Anthropogenic climate changes have attracted worldwide concerns. The coupling mechanism between land surface vulnerability and hydrological and climatological variability has been increasingly investigated and assessed during the last decades [14]. Generally, changing in human dominated land use or natural vegetation covers has affected the climate conditions through biogeophysical and biogeochemical processes, by shifting the surface energy, thermodynamic momentum, moisture budget, and atmospheric components [59]. Large-scale land conversions, such as unprecedented urban area expansion [10, 11], intensified agricultural activities [12, 13], and high tropical and boreal deforestation rate [14], are mainly caused by the human land use practices directly or indirectly, which is to meet the demand of human immediate necessities [1520]. As a result, these land conversions have had great corresponding repercussions on climate anomalies at different scales, as well as other adverse effects in terms of biodiversity decline, ecosystem degradation, and economic loss [21]. Though most current global climate concerns are focused on the first-order external forcing [22], such as the concentration of carbon dioxide (CO2) which primarily originated from the fossil fuels combustion and anthropogenic land use practices, the land surface changes which have influenced or will influence natural climate variability in history, current, and future have fascinated diverse community of scholars [23].

Forests, covering more than 30% of terrestrial land [1, 24], mainly comprise tropical, temperate, and boreal types from which invaluable ecological, socioeconomic, and mental public goods and services are provided for humanity. Furthermore, Forests can also affect multiscale climate by exchanging the planetary energetics, sustaining the hydrologic cycle, containing and releasing the carbon dioxide and through other physical, chemical, and morphological processes [1], which thus play an indispensable role in balancing the humanity, climate, and land surface systems at different temporal and spatial scales through the complicated and nonlinear interactions [2528].
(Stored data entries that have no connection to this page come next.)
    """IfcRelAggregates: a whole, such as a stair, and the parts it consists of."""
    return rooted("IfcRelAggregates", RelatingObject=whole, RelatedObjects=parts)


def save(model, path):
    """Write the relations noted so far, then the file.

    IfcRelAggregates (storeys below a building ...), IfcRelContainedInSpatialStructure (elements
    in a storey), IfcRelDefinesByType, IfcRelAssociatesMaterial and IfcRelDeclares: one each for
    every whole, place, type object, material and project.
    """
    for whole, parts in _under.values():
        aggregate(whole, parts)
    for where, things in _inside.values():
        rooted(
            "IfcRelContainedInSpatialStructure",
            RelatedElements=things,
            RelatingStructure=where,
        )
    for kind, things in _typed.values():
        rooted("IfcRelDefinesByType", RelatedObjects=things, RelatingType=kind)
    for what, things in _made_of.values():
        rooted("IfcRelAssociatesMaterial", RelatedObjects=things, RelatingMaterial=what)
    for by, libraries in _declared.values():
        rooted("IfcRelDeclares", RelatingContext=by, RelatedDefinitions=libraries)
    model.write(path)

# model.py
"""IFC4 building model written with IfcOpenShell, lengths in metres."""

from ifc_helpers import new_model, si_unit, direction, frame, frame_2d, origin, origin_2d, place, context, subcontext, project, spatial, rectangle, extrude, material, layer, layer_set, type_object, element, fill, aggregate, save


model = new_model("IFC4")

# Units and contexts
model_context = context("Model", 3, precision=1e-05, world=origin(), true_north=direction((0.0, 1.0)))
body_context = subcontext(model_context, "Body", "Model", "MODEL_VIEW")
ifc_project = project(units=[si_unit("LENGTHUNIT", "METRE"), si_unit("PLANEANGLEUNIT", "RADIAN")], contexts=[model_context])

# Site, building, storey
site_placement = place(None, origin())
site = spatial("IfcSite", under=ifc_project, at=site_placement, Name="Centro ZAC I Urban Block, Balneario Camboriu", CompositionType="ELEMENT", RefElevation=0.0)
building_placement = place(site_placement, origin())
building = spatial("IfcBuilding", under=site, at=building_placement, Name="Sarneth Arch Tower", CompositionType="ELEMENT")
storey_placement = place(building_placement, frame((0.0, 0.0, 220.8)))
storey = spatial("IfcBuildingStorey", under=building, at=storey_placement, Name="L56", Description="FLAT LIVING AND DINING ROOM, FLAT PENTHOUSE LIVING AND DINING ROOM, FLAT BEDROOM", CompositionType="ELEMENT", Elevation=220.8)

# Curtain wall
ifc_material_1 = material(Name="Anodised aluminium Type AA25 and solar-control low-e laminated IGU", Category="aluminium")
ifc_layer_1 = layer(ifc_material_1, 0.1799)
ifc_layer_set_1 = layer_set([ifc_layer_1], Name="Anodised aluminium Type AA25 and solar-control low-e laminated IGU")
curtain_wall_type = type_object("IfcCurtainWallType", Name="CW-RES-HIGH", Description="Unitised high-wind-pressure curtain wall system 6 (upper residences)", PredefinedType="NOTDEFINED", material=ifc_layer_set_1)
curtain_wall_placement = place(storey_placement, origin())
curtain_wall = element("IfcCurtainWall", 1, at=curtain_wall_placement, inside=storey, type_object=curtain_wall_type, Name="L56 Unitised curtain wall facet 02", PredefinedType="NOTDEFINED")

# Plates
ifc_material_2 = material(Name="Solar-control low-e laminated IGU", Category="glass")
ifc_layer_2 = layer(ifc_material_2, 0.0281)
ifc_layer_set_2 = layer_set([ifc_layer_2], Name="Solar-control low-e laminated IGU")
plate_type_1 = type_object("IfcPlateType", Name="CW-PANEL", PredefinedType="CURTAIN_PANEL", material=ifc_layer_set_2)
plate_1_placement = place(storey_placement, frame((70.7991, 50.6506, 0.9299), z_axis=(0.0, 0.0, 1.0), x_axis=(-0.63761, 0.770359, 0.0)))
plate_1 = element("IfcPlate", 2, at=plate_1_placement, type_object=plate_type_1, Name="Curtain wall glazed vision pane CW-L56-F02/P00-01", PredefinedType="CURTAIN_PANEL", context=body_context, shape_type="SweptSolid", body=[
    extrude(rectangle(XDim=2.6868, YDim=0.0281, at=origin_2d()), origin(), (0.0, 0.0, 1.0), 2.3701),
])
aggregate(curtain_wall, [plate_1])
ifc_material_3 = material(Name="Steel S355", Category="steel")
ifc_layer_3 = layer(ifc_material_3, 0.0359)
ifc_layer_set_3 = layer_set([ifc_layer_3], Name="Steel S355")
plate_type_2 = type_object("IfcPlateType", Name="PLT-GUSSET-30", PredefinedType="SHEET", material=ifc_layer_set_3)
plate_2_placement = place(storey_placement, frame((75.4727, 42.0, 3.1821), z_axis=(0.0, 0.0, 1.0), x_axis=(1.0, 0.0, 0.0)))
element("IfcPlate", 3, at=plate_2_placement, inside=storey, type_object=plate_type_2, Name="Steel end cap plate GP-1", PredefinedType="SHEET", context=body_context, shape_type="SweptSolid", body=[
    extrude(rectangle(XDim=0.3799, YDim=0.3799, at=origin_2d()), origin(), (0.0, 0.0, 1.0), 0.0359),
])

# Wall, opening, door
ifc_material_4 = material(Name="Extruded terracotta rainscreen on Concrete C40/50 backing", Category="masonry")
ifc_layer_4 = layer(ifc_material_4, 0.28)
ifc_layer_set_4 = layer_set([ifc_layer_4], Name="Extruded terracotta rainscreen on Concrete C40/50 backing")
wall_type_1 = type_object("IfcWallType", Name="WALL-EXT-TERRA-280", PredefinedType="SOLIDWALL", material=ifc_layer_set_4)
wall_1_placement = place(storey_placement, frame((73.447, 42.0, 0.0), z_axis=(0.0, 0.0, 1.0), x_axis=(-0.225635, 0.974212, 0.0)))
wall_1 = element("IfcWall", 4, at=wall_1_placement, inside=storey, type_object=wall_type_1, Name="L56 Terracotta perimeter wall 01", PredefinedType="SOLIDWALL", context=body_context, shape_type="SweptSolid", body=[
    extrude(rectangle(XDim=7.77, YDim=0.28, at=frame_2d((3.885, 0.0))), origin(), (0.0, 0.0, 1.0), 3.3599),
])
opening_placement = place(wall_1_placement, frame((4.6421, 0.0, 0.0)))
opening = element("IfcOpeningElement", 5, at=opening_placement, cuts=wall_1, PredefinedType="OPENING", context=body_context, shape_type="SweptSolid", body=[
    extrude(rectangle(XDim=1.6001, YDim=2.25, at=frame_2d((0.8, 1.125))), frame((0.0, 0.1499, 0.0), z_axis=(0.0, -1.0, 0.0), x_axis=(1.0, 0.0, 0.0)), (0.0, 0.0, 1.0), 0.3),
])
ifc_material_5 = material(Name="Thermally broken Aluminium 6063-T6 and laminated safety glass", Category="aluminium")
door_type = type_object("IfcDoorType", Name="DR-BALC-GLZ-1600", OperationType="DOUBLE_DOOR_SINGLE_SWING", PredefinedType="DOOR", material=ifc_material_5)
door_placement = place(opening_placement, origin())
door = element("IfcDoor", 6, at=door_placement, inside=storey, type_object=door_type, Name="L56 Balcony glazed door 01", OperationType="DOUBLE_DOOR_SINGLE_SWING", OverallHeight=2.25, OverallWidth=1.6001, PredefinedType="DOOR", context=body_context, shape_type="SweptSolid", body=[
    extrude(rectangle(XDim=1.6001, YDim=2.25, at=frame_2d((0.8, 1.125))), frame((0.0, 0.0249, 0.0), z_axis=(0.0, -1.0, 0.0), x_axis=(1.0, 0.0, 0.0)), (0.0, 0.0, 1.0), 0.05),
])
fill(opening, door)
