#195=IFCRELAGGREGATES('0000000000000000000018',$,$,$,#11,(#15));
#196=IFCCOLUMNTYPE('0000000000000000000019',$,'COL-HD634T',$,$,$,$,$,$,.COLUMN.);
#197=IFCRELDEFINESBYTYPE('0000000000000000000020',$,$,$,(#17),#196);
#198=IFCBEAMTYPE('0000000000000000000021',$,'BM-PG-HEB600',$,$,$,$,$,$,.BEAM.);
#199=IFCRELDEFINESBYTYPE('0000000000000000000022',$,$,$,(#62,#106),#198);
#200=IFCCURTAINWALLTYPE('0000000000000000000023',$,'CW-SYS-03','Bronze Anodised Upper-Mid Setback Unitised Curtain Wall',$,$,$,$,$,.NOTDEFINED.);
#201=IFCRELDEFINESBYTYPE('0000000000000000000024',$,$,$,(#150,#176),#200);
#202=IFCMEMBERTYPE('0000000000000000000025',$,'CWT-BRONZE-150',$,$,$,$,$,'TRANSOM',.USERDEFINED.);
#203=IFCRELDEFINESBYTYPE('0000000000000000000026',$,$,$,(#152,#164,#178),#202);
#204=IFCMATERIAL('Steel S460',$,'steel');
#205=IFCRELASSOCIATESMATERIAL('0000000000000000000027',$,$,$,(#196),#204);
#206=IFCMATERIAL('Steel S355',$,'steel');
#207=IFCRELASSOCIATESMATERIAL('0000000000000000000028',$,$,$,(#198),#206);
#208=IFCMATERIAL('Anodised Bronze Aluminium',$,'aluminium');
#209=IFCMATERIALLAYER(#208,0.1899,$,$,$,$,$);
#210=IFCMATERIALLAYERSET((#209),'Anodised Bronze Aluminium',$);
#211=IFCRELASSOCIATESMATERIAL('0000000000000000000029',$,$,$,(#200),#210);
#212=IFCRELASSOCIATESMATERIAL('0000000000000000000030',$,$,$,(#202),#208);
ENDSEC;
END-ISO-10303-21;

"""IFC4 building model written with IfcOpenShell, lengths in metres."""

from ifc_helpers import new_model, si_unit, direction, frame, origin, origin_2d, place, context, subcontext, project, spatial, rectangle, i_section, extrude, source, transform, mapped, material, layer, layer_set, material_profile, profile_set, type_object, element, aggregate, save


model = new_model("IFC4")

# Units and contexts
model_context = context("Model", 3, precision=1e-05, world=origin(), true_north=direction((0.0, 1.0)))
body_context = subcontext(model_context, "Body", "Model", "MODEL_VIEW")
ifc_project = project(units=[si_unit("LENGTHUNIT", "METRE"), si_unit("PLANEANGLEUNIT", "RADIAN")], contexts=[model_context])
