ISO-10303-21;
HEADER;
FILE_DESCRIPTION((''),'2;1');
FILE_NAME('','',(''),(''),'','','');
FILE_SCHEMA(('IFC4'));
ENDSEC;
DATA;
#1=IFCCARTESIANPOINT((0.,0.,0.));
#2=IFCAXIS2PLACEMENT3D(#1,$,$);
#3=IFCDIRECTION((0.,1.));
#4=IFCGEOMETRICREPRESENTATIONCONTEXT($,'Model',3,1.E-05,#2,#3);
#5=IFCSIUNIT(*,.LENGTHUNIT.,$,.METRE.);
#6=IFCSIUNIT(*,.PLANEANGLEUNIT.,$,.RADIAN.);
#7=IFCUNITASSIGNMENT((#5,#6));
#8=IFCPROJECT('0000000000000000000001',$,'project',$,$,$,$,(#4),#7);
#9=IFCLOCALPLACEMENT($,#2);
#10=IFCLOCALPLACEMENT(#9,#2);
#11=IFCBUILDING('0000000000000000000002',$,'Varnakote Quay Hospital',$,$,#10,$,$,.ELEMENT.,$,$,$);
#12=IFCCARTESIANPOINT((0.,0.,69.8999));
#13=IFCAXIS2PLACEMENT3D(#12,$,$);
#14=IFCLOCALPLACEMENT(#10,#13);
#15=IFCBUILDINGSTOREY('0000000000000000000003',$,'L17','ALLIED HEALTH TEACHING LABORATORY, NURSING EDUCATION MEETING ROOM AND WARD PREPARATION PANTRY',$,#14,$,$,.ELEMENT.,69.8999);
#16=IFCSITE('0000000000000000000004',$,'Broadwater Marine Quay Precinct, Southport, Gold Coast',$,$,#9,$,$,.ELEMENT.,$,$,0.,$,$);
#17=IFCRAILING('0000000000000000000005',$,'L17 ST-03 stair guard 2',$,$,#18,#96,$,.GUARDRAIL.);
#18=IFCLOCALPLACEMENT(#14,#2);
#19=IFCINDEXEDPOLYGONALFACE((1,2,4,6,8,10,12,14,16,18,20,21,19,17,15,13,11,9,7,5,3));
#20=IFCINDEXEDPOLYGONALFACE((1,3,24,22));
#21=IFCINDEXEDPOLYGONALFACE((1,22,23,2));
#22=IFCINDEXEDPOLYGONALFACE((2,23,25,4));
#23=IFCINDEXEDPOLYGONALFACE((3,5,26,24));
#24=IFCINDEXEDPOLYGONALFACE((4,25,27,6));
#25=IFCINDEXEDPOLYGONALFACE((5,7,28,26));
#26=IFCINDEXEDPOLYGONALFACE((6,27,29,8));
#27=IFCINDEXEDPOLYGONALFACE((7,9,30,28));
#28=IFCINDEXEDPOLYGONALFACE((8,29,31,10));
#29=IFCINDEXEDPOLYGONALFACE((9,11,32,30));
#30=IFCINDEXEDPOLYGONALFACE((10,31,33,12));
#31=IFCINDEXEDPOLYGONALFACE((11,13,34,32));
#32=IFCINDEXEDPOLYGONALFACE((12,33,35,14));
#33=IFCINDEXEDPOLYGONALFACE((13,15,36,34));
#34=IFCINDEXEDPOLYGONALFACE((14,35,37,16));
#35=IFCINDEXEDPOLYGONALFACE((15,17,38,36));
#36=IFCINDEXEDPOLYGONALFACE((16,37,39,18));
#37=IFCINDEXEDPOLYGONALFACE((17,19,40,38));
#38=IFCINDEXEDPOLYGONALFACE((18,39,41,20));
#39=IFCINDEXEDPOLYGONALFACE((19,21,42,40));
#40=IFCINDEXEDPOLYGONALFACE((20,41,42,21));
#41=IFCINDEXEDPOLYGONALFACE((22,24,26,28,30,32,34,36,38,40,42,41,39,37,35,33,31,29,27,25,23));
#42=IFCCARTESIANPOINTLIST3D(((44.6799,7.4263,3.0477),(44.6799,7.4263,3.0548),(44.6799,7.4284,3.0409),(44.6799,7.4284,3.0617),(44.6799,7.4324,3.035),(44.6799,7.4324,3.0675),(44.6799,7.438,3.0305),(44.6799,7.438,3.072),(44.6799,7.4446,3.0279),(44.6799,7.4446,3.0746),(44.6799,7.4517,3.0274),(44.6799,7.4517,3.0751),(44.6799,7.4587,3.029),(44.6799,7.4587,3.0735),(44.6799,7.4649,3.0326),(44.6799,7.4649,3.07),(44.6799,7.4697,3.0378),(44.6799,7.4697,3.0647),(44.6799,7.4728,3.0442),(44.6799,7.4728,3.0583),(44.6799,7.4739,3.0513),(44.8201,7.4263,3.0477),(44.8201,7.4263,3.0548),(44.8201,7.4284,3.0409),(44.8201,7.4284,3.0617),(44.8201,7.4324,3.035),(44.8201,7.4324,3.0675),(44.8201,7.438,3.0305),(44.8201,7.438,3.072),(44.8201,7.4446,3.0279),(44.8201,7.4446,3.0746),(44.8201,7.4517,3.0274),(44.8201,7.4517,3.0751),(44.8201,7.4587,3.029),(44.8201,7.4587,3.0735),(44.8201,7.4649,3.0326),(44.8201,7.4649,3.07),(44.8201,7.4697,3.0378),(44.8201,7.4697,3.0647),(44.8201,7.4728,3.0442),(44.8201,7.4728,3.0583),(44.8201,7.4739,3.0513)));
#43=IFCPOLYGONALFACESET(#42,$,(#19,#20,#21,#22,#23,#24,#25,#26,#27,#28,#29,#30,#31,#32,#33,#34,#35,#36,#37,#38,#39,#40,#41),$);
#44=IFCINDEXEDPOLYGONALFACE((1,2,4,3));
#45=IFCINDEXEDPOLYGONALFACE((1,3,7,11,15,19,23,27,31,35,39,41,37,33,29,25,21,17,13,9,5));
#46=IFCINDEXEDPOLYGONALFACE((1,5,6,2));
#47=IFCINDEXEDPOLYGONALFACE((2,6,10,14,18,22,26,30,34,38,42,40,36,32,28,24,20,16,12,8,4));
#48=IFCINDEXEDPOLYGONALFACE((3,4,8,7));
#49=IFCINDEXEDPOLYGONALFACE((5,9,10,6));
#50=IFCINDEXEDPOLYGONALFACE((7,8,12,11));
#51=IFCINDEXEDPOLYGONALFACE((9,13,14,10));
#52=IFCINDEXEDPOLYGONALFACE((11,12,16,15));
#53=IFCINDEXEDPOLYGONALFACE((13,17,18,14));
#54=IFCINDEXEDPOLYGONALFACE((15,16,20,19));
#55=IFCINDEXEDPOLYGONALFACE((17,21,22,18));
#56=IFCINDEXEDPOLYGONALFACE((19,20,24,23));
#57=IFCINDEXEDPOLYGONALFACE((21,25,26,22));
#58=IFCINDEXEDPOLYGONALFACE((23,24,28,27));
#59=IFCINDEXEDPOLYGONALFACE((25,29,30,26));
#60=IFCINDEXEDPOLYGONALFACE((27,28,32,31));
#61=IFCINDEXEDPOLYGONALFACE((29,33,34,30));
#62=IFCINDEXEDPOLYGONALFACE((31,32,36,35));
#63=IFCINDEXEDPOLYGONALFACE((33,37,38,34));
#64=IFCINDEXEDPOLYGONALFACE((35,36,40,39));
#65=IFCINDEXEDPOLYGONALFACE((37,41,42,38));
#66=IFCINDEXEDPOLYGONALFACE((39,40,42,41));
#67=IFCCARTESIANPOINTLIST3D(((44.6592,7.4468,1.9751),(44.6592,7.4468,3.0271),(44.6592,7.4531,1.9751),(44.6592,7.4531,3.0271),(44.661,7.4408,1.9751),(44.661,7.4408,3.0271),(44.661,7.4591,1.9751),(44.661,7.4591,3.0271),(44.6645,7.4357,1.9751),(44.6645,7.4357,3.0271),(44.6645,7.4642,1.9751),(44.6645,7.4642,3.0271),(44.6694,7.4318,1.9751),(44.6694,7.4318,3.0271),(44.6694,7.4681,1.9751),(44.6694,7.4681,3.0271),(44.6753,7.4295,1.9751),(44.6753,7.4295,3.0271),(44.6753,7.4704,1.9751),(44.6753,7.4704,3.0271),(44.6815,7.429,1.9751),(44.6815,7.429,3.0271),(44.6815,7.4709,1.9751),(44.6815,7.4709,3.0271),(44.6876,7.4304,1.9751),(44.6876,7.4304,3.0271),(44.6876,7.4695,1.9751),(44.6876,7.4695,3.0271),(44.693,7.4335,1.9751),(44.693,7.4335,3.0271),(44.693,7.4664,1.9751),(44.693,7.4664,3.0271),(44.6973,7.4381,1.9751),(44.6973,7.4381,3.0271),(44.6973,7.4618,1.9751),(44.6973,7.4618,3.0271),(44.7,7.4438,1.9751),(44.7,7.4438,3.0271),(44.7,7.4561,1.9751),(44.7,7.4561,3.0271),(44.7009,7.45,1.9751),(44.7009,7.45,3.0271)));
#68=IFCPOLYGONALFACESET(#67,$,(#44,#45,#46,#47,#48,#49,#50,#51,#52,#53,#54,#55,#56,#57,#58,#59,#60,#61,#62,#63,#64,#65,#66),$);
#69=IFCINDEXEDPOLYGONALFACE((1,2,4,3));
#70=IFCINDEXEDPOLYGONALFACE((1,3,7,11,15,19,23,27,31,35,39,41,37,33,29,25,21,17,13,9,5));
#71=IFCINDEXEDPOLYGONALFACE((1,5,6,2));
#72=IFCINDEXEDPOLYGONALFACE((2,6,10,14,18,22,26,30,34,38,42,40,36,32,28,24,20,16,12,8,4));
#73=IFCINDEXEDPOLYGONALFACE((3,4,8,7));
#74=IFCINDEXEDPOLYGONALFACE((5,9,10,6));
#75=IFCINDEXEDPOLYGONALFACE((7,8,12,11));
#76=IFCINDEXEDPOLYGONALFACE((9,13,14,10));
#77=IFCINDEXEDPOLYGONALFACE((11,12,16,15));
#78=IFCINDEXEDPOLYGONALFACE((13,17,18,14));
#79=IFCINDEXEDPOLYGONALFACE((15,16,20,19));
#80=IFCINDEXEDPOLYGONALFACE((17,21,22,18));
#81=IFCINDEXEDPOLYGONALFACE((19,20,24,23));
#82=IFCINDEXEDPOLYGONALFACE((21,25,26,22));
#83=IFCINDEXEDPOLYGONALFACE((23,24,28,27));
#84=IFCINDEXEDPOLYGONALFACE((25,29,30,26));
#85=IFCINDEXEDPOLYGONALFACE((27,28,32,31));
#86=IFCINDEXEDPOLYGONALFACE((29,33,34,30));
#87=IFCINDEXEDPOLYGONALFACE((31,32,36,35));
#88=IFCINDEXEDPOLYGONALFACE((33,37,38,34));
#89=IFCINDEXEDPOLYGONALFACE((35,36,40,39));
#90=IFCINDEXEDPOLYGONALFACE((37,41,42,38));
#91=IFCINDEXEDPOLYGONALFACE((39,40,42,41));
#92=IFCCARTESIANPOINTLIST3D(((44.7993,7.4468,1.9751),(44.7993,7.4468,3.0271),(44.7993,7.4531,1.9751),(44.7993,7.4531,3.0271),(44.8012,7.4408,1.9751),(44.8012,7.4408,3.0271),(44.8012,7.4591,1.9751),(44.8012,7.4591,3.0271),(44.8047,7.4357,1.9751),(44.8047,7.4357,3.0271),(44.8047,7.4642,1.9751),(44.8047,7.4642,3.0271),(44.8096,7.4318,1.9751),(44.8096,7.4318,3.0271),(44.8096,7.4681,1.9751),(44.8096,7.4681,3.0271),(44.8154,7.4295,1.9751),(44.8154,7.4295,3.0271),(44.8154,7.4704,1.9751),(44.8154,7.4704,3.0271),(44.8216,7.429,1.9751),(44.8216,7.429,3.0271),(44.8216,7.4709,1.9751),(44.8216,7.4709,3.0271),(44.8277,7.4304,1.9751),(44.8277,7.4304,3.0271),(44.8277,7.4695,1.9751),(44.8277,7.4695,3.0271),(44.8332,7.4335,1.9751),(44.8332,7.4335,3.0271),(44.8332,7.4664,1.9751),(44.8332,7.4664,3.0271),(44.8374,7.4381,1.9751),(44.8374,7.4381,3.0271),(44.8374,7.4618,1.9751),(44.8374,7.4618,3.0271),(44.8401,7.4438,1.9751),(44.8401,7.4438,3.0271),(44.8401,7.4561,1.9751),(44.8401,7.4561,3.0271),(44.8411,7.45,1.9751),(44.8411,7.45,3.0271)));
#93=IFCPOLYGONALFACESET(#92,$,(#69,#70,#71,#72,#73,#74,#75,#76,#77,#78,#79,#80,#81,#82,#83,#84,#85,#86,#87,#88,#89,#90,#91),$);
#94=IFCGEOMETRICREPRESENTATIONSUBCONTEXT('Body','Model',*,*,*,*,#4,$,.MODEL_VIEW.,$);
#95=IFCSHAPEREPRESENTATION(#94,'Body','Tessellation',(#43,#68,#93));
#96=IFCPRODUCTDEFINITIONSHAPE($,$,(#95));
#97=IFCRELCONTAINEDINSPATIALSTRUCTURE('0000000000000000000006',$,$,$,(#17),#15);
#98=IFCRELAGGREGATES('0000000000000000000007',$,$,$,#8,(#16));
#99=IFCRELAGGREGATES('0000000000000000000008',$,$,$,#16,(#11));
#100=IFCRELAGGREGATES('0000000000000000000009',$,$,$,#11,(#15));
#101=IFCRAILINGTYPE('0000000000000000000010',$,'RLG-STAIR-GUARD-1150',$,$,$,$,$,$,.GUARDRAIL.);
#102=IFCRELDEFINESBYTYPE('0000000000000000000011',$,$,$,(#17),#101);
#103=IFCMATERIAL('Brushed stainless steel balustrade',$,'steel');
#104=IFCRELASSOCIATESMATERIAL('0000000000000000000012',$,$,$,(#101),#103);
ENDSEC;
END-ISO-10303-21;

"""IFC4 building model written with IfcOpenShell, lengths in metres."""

from ifc_helpers import new_model, si_unit, direction, frame, origin, origin_2d, place, context, subcontext, project, spatial, circle, extrude, material, type_object, element, save


model = new_model("IFC4")

# Units and contexts
model_context = context("Model", 3, precision=1e-05, world=origin(), true_north=direction((0.0, 1.0)))
body_context = subcontext(model_context, "Body", "Model", "MODEL_VIEW")
ifc_project = project(units=[si_unit("LENGTHUNIT", "METRE"), si_unit("PLANEANGLEUNIT", "RADIAN")], contexts=[model_context])

# Site, building, storey
site_placement = place(None, origin())
site = spatial("IfcSite", under=ifc_project, at=site_placement, Name="Broadwater Marine Quay Precinct, Southport, Gold Coast", CompositionType="ELEMENT", RefElevation=0.0)
building_placement = place(site_placement, origin())
building = spatial("IfcBuilding", under=site, at=building_placement, Name="Varnakote Quay Hospital", CompositionType="ELEMENT")
storey_placement = place(building_placement, frame((0.0, 0.0, 69.8999)))
storey = spatial("IfcBuildingStorey", under=building, at=storey_placement, Name="L17", Description="ALLIED HEALTH TEACHING LABORATORY, NURSING EDUCATION MEETING ROOM AND WARD PREPARATION PANTRY", CompositionType="ELEMENT", Elevation=69.8999)

# Railing
ifc_material_1 = material(Name="Brushed stainless steel balustrade", Category="steel")
railing_type_1 = type_object("IfcRailingType", Name="RLG-STAIR-GUARD-1150", PredefinedType="GUARDRAIL", material=ifc_material_1)
railing_1_placement = place(storey_placement, frame((44.6799, 7.45, 1.9751)))
element("IfcRailing", 1, at=railing_1_placement, inside=storey, type_object=railing_type_1, Name="L17 ST-03 stair guard 2", PredefinedType="GUARDRAIL", context=body_context, shape_type="SweptSolid", body=[
    extrude(circle(Radius=0.0239, at=origin_2d()), frame((0.0, 0.0, 1.0762), z_axis=(1.0, 0.0, 0.0), x_axis=(0.0, 1.0, 0.0)), (0.0, 0.0, 1.0), 0.1401),
    extrude(circle(Radius=0.021, at=origin_2d()), origin(), (0.0, 0.0, 1.0), 1.052),
    extrude(circle(Radius=0.021, at=origin_2d()), frame((0.1401, 0.0, 0.0)), (0.0, 0.0, 1.0), 1.052),
])

save(model, "model.ifc")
Among these forest types, tropical forest occupies nearly 20% of total forest land area and appropriates more than 30% of net primary production (NPP) in the terrestrial ecosystem. This outstanding biomass can sequester a great deal of CO2, maintaining above 25% on land surface [29], which doubles or triples that of temperate and boreal forests [1, 30, 31]. Well-functioned tropical forest could effectively accelerate the evapotranspiration rate, cool the atmospheric temperature, and increase the rainfall [32]. Some earlier experimental simulations in which the tropical forest was entirely replaced with low coverage vegetation [29, 3337] suggested that these changes would induce increase in surface temperature, in comparison to the decrease of precipitation, evapotranspiration, soil moisture, and cloud cover caused by the increase of surface albedo and decrease of surface roughness. Though tropical forest could mitigate surface warming through considerable evaporative cooling effect, the temperature would increase if the surface albedo rose to a large extent induced by deforestation which would offset the water and energy exchange feedback effects, compared with the reduction of convection and precipitation [38]. Therefore, no debate of this issue would be complete without taking the tropical forest as a significant component into account in climate change researches.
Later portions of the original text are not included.